Amateur Hour: Motherhood in Essays and Swear Words

If you have mommy friends on the interwebs, chances are you’ve clicked on one of Kimberly Harrington’s viral parenting essays: “Job Description for the Dumbest Job Ever” (e.g., “This position manages to be of the utmost importance and yet somehow also the least visible and/or respected in the entire organization”), “I Am the One Woman Who Has It All” (e.g., “I have kids who have forced me to do everything in my life with greater efficiency and the professional assumption that I’m now less efficient after having kids”), “Just What I Wanted, a Whole Twenty-Four Hours of Recognition Once a Year,” “Are You Sure There Isn’t Something Else I Can Do Before the End of the School Year?” and “Please Don’t Get Murdered at School Today.”

Amateur Hour

Amateur Hour contains these satirical social commentaries and more. “Anne-Marie Slaughter Is My Safe Word,” which appears to be original to the book, is one of the most brilliant compositions I’ve ever read. (“Now, I know that [that safe word is] a mouthful, ball-gag puns aside, but I feel like it reflects my beliefs … when it comes to the intersection of work, parenting, and caregiving in general.”) Unlike most compilations that feature one style, Harrington mixes quirky conceptual pieces (the written equivalent of MOMA exhibits) with straight-laced ruminations on grief, aging, and marriage. Many passages spoke to my heart and/or sense of humor deeply; other bits seemed just okay. When the vast bulk of a writer’s material lands though, I tend to give the rest the treatment bestowed off-jokes by a favorite stand-up comedian: I assume someone, somewhere is doubled over.

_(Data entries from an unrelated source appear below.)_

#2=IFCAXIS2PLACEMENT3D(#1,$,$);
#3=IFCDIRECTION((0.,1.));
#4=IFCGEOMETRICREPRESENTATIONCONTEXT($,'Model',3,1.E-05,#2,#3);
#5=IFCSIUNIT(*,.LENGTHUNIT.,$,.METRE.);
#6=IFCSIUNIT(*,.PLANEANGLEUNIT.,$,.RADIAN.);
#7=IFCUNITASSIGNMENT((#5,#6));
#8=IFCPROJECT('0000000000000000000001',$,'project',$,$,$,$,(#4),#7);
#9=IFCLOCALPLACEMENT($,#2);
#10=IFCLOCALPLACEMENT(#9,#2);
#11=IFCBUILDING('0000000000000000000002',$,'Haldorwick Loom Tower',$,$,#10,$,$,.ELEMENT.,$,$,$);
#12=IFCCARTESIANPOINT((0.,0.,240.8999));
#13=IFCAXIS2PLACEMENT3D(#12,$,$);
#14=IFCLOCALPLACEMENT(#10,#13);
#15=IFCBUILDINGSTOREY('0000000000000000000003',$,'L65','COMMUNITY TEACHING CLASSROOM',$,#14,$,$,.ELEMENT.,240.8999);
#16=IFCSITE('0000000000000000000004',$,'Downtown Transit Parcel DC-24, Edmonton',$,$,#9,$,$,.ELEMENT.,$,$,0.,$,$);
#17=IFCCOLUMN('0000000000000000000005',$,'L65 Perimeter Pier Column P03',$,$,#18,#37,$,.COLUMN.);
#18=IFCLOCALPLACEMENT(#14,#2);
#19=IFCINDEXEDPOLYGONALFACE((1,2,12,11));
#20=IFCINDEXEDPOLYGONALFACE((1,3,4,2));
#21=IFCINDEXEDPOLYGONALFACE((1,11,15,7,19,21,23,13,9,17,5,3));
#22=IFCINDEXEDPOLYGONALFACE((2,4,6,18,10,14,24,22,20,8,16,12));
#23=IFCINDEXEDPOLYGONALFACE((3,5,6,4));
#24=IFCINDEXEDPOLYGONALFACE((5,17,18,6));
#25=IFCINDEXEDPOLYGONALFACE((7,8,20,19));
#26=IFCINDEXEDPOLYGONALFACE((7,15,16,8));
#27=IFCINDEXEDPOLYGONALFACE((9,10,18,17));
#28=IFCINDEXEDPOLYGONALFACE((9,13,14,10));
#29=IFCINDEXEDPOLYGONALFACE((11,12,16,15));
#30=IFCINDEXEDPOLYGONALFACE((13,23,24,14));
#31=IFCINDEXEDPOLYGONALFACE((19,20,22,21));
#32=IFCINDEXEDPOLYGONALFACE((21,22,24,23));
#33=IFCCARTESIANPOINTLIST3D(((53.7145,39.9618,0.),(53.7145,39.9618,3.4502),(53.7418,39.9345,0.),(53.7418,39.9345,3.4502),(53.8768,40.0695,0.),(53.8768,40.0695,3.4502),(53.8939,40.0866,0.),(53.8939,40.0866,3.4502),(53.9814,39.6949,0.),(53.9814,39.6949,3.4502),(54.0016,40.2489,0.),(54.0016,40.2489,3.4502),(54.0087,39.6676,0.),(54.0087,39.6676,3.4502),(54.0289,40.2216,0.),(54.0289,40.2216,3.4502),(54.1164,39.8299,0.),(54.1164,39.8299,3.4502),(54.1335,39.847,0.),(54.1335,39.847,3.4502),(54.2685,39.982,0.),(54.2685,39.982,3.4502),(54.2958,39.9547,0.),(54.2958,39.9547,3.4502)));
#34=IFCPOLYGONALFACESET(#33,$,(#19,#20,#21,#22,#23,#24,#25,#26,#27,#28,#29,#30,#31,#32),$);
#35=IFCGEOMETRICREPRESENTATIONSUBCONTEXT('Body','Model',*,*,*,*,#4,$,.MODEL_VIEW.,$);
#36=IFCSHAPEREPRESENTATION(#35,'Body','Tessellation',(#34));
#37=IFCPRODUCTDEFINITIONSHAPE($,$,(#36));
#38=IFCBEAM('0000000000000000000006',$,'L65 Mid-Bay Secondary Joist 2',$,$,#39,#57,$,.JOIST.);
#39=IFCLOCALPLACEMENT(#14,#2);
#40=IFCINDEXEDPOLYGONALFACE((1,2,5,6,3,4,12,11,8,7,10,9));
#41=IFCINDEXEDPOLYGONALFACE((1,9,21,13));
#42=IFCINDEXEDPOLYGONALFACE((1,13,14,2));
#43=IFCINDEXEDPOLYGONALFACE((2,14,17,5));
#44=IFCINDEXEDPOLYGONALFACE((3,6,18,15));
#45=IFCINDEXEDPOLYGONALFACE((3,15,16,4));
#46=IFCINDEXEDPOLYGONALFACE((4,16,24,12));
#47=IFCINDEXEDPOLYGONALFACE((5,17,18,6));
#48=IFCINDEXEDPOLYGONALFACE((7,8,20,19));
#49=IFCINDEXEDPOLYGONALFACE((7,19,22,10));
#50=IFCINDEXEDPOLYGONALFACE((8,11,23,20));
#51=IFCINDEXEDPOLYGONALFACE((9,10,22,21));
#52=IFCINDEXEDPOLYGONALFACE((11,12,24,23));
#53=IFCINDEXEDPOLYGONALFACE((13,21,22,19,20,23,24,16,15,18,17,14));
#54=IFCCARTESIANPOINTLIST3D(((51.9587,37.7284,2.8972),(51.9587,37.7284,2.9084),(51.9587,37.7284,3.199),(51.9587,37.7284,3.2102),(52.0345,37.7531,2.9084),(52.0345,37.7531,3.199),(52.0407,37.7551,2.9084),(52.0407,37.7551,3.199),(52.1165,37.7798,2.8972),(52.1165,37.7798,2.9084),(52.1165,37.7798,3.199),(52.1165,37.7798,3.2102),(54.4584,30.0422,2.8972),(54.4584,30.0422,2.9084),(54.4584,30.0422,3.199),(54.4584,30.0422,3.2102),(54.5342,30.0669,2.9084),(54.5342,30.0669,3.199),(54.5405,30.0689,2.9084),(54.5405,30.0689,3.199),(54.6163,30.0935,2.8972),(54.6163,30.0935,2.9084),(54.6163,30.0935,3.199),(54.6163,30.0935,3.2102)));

It doesn’t hurt that Harrington is my kind of girl, an introspective nerd who takes her neuroses less seriously than her punchlines:

Maybe normal people use lists as they’re meant to be used, as a daily reminder of things that should be taken care of somewhat soon. I don’t like to do things that make sense, so I use lists as a way of outlining how theoretically busy I am while also setting myself up for an infinity loop of self-loathing over my failure to get an impossible amount of things done.


“But you don’t ever like anything I post on Facebook! You don’t even look at my page!” Those are not the words of a teenager, spitting ridiculous complaints across the room at her best friend or boyfriend. Those are the words of a forty-five-year-old woman, a mother of two, in the middle of a fight with her husband. A fight where the topic was divorce.


And before I even know what’s happening, I’m suddenly sharing worries and revealing doubts in a school hallway or on the playground. Even though I know—I know—I should stop talking, I keep trying to bury my openness with more openness. It’s like my own mouth is swallowing me whole.

Nor the way she sprinkles her stories with legitimately helpful parenting advice:

I will not be calling administrators or program directors or HR on your behalf. I will not be smoothing the way for you, although it will be so hard to resist doing just that. I will have to be the elder grown-up here, to not hobble you with my help.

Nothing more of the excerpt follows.